Total iOS device sales may have reached 80 million units in the just-concluded December quarter, driven by particularly strong demand for the new iPhone 5s and iPad Air, sales surveys conducted by Canaccord Genuity suggest.

Analyst T. Michael Walkley cited proprietary sales surveys in a note to investors on Tuesday, a copy of which was provided to AppleInsider. Specifically, the data suggests that sales of both the iPhone 5s and the iPad Air, the flagship versions of Apple's two most popular product lines, were "strong" this holiday season.

Walkley has projected that Apple sold 54 million iPhones in the December quarter, representing a 13 percent year over year increase, along with 24.8 million iPads, good for 8 percent growth from a year prior.

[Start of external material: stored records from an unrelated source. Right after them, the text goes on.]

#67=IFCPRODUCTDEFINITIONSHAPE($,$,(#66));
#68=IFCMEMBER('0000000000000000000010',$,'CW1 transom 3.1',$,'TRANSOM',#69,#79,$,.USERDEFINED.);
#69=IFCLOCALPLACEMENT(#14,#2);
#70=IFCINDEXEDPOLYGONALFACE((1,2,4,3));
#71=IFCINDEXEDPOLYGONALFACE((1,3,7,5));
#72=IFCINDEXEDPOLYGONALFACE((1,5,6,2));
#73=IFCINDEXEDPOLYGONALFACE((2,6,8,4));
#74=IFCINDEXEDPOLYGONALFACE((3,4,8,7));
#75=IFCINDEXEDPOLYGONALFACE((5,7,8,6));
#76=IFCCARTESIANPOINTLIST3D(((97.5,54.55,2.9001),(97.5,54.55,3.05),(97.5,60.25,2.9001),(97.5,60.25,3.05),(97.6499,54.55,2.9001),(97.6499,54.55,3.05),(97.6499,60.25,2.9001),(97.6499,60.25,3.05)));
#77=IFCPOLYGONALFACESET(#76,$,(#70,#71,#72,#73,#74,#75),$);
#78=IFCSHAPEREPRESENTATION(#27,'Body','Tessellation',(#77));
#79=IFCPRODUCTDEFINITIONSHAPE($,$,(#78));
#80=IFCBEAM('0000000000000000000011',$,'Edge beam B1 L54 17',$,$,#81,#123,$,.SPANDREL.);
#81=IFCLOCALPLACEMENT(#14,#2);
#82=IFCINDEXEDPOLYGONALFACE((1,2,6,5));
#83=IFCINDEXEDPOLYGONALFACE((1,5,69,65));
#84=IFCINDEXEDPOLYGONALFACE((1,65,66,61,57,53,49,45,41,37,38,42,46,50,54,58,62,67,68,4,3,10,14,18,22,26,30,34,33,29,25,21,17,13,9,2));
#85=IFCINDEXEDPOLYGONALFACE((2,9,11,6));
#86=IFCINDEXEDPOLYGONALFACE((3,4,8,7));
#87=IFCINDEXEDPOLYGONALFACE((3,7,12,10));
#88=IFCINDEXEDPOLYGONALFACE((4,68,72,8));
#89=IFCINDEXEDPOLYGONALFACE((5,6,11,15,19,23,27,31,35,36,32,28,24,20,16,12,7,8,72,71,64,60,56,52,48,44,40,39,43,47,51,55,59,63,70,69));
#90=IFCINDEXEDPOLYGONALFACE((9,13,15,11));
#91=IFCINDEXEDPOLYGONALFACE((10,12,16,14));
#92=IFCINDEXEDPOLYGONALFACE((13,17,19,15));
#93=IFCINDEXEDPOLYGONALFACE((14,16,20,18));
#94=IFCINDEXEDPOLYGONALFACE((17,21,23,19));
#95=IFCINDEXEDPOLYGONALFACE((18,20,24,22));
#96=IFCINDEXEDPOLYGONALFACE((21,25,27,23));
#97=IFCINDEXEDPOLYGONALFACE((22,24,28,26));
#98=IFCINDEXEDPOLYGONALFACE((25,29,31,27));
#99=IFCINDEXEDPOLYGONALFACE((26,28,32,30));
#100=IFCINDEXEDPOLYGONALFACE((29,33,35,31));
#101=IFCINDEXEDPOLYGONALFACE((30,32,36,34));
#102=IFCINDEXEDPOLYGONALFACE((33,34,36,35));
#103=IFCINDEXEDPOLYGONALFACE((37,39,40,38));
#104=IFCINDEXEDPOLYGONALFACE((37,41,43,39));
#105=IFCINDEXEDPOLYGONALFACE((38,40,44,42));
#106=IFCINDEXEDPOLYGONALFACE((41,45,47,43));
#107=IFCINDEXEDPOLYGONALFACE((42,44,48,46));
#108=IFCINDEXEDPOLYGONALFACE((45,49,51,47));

Together, that would be nearly 80 million iOS devices — and that doesn't even include the iOS-powered iPod touch, which historically has accounted for more than half of all iPod sales in any given quarter.

iPad Air

Walkley anticipates that Apple had a sales mix of roughly 2:1 between the premium iPhone 5s and the mid-range iPhone 5c. He sees that resulting in an average selling price near $620 for Apple's smartphone lineup.

Actual iOS device sales will be revealed by Apple in less than two weeks, on Jan. 27, when the company will officially announce earnings for its fiscal first quarter of 2014, a three-month span that concluded at the end of December. That period marked the first full quarter of availability of the iPhone 5s and iPhone 5c, and also saw the launch of the iPad Air and iPad mini with Retina display.

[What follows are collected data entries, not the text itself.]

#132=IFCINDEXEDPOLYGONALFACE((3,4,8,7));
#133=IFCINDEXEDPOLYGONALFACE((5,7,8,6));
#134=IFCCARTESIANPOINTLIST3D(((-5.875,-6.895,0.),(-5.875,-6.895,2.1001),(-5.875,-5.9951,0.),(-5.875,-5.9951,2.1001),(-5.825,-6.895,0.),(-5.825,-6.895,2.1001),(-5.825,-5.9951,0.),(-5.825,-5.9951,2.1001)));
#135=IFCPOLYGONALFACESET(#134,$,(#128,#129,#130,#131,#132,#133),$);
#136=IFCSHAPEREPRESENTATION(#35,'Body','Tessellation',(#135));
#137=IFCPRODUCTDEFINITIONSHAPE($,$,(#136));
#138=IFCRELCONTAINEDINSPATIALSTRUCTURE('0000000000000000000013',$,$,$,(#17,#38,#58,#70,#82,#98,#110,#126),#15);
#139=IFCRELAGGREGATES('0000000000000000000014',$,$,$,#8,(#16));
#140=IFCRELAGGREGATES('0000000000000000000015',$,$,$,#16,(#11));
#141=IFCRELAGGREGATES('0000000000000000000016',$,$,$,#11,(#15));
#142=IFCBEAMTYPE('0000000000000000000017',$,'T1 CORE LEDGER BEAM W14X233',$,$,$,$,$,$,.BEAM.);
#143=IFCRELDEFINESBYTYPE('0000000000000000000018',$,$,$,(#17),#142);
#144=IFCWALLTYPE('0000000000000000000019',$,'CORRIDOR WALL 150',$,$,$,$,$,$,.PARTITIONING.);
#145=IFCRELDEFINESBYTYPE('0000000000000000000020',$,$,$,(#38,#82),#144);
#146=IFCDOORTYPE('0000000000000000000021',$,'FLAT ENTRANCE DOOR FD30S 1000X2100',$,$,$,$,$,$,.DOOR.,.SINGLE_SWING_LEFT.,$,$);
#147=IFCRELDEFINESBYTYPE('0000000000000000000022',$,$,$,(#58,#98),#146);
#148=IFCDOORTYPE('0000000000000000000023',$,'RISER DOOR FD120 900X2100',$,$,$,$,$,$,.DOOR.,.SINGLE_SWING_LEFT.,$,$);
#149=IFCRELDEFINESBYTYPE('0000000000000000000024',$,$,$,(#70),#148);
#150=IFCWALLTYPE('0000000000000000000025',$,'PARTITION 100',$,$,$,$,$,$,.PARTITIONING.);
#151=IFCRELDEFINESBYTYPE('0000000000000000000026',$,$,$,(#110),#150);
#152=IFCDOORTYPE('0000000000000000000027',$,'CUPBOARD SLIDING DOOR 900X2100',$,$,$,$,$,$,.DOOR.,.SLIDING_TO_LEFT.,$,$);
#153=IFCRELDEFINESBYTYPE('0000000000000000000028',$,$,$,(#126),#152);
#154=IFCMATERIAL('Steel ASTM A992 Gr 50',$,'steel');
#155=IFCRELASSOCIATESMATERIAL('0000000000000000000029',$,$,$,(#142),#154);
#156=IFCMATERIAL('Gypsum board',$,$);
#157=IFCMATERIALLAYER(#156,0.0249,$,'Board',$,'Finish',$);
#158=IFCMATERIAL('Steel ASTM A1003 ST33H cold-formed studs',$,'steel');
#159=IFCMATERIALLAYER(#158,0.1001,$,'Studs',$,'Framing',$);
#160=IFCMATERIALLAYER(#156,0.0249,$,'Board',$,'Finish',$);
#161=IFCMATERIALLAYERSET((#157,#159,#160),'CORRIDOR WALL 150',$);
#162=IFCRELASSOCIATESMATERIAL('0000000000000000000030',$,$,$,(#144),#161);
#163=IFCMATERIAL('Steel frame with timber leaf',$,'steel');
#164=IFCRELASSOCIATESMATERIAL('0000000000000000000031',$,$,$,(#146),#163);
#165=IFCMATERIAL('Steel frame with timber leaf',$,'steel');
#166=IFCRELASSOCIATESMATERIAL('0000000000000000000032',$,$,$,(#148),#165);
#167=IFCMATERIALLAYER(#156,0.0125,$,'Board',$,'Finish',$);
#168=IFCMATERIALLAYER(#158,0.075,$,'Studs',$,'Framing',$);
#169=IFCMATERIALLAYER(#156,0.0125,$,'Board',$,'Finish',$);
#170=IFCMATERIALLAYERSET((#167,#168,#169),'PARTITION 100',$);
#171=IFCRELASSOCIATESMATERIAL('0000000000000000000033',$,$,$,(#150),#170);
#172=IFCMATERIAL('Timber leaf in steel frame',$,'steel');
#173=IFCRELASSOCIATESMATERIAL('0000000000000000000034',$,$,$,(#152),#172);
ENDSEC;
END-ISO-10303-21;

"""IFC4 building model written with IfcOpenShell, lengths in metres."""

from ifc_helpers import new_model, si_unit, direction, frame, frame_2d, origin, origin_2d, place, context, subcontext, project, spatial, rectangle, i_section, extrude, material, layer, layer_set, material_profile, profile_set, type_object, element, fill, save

For the currently in progress March quarter, Walkley sees iPhone sales easing seasonally to 42.1 million — a number he said could prove conservative if Apple's launch on China Mobile, the world's largest carrier, proves to be a significant success. For calendar 2014, the analyst projects that Apple will sell a total of 180.4 million units.

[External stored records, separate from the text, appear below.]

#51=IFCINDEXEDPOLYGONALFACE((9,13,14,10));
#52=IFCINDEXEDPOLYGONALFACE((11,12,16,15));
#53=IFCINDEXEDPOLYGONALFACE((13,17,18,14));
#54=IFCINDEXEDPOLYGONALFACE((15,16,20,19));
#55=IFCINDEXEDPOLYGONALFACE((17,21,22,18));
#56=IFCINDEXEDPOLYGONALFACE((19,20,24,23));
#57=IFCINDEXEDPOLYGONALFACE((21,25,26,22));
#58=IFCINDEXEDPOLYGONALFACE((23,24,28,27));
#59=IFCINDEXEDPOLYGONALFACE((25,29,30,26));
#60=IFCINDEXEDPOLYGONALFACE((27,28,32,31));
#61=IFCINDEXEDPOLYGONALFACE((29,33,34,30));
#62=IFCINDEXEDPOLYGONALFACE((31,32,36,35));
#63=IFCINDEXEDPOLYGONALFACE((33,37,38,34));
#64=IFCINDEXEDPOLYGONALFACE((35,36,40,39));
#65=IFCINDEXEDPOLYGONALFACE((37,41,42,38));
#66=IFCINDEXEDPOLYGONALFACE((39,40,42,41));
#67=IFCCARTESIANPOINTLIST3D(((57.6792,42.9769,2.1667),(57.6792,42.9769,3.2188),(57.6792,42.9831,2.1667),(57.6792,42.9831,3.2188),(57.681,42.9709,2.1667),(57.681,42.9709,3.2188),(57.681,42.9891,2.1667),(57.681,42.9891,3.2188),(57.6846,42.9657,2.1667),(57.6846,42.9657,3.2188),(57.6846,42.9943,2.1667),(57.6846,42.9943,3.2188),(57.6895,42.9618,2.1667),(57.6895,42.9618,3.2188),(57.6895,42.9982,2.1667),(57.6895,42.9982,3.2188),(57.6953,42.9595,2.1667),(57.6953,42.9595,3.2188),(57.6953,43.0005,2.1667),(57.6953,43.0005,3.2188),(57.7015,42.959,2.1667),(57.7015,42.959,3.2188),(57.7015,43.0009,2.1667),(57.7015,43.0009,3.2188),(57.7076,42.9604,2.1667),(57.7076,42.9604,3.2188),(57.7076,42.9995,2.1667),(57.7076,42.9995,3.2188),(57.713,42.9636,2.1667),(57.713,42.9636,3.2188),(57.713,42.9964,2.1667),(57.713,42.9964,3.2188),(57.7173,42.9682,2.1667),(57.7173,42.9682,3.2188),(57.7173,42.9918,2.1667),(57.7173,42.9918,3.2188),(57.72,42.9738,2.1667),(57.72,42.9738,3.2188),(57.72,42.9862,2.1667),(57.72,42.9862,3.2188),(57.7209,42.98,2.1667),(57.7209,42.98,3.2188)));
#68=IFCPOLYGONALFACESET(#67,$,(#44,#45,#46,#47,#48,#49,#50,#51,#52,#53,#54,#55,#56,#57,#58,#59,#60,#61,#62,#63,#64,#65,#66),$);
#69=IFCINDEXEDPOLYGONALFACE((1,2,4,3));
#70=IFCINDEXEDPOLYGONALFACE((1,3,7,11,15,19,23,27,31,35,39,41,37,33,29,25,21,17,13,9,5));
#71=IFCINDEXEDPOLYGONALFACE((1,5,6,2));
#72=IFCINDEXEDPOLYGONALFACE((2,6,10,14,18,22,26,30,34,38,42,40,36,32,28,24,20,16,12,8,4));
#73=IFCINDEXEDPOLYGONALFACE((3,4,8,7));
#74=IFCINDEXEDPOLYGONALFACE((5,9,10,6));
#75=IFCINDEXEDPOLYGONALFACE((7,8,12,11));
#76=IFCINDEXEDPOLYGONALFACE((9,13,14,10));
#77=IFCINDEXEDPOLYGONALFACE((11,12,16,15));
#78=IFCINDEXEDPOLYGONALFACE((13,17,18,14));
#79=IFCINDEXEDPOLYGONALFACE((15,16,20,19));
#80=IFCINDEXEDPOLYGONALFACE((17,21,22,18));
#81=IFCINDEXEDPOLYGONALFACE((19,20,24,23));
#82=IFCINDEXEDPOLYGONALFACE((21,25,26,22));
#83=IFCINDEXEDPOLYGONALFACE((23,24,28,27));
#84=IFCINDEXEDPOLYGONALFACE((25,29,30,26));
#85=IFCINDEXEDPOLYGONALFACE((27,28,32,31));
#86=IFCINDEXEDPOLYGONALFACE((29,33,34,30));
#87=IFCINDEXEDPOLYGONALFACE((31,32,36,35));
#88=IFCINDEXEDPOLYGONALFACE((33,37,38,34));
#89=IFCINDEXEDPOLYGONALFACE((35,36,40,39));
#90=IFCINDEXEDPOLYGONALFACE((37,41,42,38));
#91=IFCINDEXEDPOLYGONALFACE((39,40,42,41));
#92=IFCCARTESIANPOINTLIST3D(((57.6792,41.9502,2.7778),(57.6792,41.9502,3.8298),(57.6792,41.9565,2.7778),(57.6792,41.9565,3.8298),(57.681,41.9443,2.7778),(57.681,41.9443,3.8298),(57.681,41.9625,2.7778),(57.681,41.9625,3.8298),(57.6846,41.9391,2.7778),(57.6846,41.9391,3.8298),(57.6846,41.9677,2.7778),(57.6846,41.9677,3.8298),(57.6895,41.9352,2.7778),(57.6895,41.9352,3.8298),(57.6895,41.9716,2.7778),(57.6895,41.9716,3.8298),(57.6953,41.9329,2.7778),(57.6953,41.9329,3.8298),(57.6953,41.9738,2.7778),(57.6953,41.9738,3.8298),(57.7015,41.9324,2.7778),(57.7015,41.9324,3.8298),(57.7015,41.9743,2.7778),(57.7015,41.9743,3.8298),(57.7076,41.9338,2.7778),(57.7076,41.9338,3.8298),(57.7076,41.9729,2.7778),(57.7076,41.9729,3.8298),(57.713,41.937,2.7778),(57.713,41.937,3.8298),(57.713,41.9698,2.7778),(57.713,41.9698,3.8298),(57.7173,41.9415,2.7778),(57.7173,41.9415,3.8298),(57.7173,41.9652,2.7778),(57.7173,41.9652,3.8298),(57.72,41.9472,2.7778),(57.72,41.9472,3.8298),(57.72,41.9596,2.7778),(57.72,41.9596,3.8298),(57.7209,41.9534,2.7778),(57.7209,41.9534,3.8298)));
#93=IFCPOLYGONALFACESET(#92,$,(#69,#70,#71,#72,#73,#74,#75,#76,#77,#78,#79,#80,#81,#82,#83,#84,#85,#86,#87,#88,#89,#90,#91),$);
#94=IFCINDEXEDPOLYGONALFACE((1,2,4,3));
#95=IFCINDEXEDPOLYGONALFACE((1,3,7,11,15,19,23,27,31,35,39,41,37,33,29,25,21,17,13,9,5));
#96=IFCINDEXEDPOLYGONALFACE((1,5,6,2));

While he's bullish on Apple and has maintained a $600 price target with a "buy" recommendation, Walkley came away from last week's Consumer Electronics Show unimpressed with the prospects for competing smartphones running the Android platform headed into 2014.

"With each new high-end smartphone introduction featuring a slightly fast processor, slightly better graphics, marginally better camera, slightly thinner form factor, and slightly bigger screen, we walked away from CES essentially unable to distinguish what was new or different about any of the essentially identical looking LTE Android smartphones introduced," he wrote.

As a result, he expects high-end smartphone sales in 2014 will continue to be dictated by ecosystem and brand rather than hardware. Apple and Samsung, which control the lion's share of premium smartphone sales, are predicted to remain on top, while competing handset makers fight over the scraps.